Selected colonies from the small-scale experiments were chosen for large-scale (700 ml) production of TEV HC-Pro protein. At 24, 48, 72 and 96 h after induction, aliquots (1 ml) of cells were harvested and stored at -80 °C prior to analysis by SDS-PAGE. After 4 days, the culture was centrifuged for 5 min at 3000 g. The supernatant was centrifuged at 90 000 g for 1 h and concentrated by consecutive ultrafiltrations through VivaSpin (Amicon) and Centricon (Pall Corporation) filtration units with exclusion limits of 3000 and 10 000 Da, respectively. The first concentration reduced the volume to approximately 56 ml, and the second one to 0·5 ml. Supernatants from cultures of colonies transformed with pPIC9{alpha}{beta} (empty vector) were used as negative controls for the experiments after following the same induction and concentration steps.

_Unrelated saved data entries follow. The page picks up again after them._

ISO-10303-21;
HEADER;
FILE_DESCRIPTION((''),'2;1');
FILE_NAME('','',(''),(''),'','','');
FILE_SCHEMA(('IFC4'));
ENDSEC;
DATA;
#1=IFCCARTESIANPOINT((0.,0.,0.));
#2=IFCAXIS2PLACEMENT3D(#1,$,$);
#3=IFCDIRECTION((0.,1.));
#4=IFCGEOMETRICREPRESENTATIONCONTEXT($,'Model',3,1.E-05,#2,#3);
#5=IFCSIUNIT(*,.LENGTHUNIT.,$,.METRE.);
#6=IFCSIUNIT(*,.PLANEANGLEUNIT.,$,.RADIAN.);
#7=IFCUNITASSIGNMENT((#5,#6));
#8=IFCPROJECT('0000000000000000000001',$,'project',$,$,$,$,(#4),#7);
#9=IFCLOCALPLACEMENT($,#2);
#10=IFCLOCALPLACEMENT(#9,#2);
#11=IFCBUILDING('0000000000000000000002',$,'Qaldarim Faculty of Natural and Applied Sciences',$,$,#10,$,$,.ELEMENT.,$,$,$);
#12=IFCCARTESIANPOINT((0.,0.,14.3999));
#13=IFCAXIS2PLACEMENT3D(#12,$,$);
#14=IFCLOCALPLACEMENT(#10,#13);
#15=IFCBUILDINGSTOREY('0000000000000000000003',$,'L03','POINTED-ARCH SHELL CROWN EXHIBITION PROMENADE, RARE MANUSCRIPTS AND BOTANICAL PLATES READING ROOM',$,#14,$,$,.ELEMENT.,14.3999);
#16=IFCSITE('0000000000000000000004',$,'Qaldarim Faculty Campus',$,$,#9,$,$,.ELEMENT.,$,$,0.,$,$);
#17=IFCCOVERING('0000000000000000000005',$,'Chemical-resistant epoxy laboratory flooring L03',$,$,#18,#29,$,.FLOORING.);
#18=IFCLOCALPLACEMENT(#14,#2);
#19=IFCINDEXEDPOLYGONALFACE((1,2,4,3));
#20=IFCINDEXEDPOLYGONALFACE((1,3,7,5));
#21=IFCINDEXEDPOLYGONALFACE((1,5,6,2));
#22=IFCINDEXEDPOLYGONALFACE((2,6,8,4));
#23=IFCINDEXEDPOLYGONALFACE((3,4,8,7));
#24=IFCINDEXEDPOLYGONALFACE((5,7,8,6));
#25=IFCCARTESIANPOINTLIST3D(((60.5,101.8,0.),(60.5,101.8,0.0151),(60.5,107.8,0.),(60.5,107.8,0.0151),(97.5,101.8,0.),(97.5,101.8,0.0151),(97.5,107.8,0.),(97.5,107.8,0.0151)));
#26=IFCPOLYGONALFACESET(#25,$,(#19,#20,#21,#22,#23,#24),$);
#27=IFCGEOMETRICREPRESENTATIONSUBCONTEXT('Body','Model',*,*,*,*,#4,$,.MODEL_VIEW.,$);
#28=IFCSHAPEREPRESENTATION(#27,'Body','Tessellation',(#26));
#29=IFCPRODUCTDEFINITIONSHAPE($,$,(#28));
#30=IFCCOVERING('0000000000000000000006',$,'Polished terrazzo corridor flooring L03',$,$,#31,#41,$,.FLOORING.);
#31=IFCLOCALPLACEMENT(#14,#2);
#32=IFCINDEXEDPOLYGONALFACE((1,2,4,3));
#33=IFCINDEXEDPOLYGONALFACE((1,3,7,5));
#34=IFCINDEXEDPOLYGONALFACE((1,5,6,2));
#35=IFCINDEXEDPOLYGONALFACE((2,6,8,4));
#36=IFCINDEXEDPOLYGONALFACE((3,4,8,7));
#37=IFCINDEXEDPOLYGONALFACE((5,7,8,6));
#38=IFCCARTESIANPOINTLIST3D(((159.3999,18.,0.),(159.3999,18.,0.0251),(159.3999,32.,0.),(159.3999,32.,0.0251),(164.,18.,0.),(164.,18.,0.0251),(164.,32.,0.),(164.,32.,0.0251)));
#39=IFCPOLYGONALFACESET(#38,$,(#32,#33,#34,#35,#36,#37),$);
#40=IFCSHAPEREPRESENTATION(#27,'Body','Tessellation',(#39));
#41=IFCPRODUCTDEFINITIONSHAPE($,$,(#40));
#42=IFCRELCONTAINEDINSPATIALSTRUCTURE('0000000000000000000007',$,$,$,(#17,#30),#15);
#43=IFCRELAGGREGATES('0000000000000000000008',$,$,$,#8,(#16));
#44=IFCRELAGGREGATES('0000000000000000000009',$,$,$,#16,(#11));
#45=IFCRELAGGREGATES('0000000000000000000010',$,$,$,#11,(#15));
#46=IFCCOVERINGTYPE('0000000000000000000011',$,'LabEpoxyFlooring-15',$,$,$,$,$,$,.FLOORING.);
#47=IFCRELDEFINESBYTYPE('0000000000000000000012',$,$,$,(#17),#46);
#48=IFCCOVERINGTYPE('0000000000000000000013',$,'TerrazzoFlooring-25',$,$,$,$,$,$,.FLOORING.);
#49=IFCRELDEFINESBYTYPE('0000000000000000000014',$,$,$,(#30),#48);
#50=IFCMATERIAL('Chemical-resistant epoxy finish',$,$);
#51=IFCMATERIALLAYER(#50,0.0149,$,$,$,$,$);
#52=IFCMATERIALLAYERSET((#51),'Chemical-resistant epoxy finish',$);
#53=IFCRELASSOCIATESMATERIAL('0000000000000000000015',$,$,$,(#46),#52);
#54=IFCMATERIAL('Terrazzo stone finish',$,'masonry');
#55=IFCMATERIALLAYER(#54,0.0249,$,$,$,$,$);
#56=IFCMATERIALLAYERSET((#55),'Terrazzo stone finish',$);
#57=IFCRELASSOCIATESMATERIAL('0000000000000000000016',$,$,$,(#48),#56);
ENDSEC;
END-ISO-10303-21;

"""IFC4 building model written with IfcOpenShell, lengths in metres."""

from ifc_helpers import new_model, si_unit, direction, frame, origin, place, context, subcontext, project, spatial, polyline, outline, extrude, material, layer, layer_set, type_object, element, save


model = new_model("IFC4")

# Units and contexts
model_context = context("Model", 3, precision=1e-05, world=origin(), true_north=direction((0.0, 1.0)))
body_context = subcontext(model_context, "Body", "Model", "MODEL_VIEW")
ifc_project = project(units=[si_unit("LENGTHUNIT", "METRE"), si_unit("PLANEANGLEUNIT", "RADIAN")], contexts=[model_context])

# Site, building, storey
site_placement = place(None, origin())
site = spatial("IfcSite", under=ifc_project, at=site_placement, Name="Qaldarim Faculty Campus", CompositionType="ELEMENT", RefElevation=0.0)
building_placement = place(site_placement, origin())
building = spatial("IfcBuilding", under=site, at=building_placement, Name="Qaldarim Faculty of Natural and Applied Sciences", CompositionType="ELEMENT")
storey_placement = place(building_placement, frame((0.0, 0.0, 14.3999)))
storey = spatial("IfcBuildingStorey", under=building, at=storey_placement, Name="L03", Description="POINTED-ARCH SHELL CROWN EXHIBITION PROMENADE, RARE MANUSCRIPTS AND BOTANICAL PLATES READING ROOM", CompositionType="ELEMENT", Elevation=14.3999)

# Coverings
ifc_material_1 = material(Name="Chemical-resistant epoxy finish")
ifc_layer_1 = layer(ifc_material_1, 0.0149)
ifc_layer_set_1 = layer_set([ifc_layer_1], Name="Chemical-resistant epoxy finish")
covering_type_1 = type_object("IfcCoveringType", Name="LabEpoxyFlooring-15", PredefinedType="FLOORING", material=ifc_layer_set_1)
covering_1_placement = place(storey_placement, origin())
element("IfcCovering", 1, at=covering_1_placement, inside=storey, type_object=covering_type_1, Name="Chemical-resistant epoxy laboratory flooring L03", PredefinedType="FLOORING", context=body_context, shape_type="SweptSolid", body=[
    extrude(outline(polyline([(60.5, 101.8), (97.5, 101.8), (97.5, 107.8), (60.5, 107.8), (60.5, 101.8)])), origin(), (0.0, 0.0, 1.0), 0.0151),
])
ifc_material_2 = material(Name="Terrazzo stone finish", Category="masonry")
ifc_layer_2 = layer(ifc_material_2, 0.0249)
ifc_layer_set_2 = layer_set([ifc_layer_2], Name="Terrazzo stone finish")
covering_type_2 = type_object("IfcCoveringType", Name="TerrazzoFlooring-25", PredefinedType="FLOORING", material=ifc_layer_set_2)
covering_2_placement = place(storey_placement, origin())
element("IfcCovering", 2, at=covering_2_placement, inside=storey, type_object=covering_type_2, Name="Polished terrazzo corridor flooring L03", PredefinedType="FLOORING", context=body_context, shape_type="SweptSolid", body=[
    extrude(outline(polyline([(159.3999, 18.0), (164.0, 18.0), (164.0, 32.0), (159.3999, 32.0), (159.3999, 18.0)])), origin(), (0.0, 0.0, 1.0), 0.0251),
])

save(model, "model.ifc")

Serological detection of TEV HC-Pro, SDS-PAGE and Western blot.
The production of TEV HC-Pro in the supernatant of the yeast culture medium was analysed by slot-blot using a Bio-Dot apparatus (Bio-Rad). Briefly, aliquots (10 and 100 µl) of supernatants were vacuum-blotted onto PVDF Hybond-P membranes (Amersham). After blocking the membranes with PBST (phosphate-buffered saline with 0·05 % Tween 20) containing 5 % skimmed dry milk powder, they were incubated overnight at 4 °C with the TEV HC-Pro rabbit polyclonal antisera (kindly provided by T. P. Pirone, University of Kentucky, USA) at 1 : 5000 dilution in PBST. After several rinses with PBST and 1 h incubation with horseradish peroxidase-conjugated anti-rabbit IgG (Nordic Immunology) at 1 : 10 000 dilution in PBST, the membranes were rinsed thoroughly with PBST and bound antibodies were detected using the enhanced chemiluminescence ECL system (Amersham).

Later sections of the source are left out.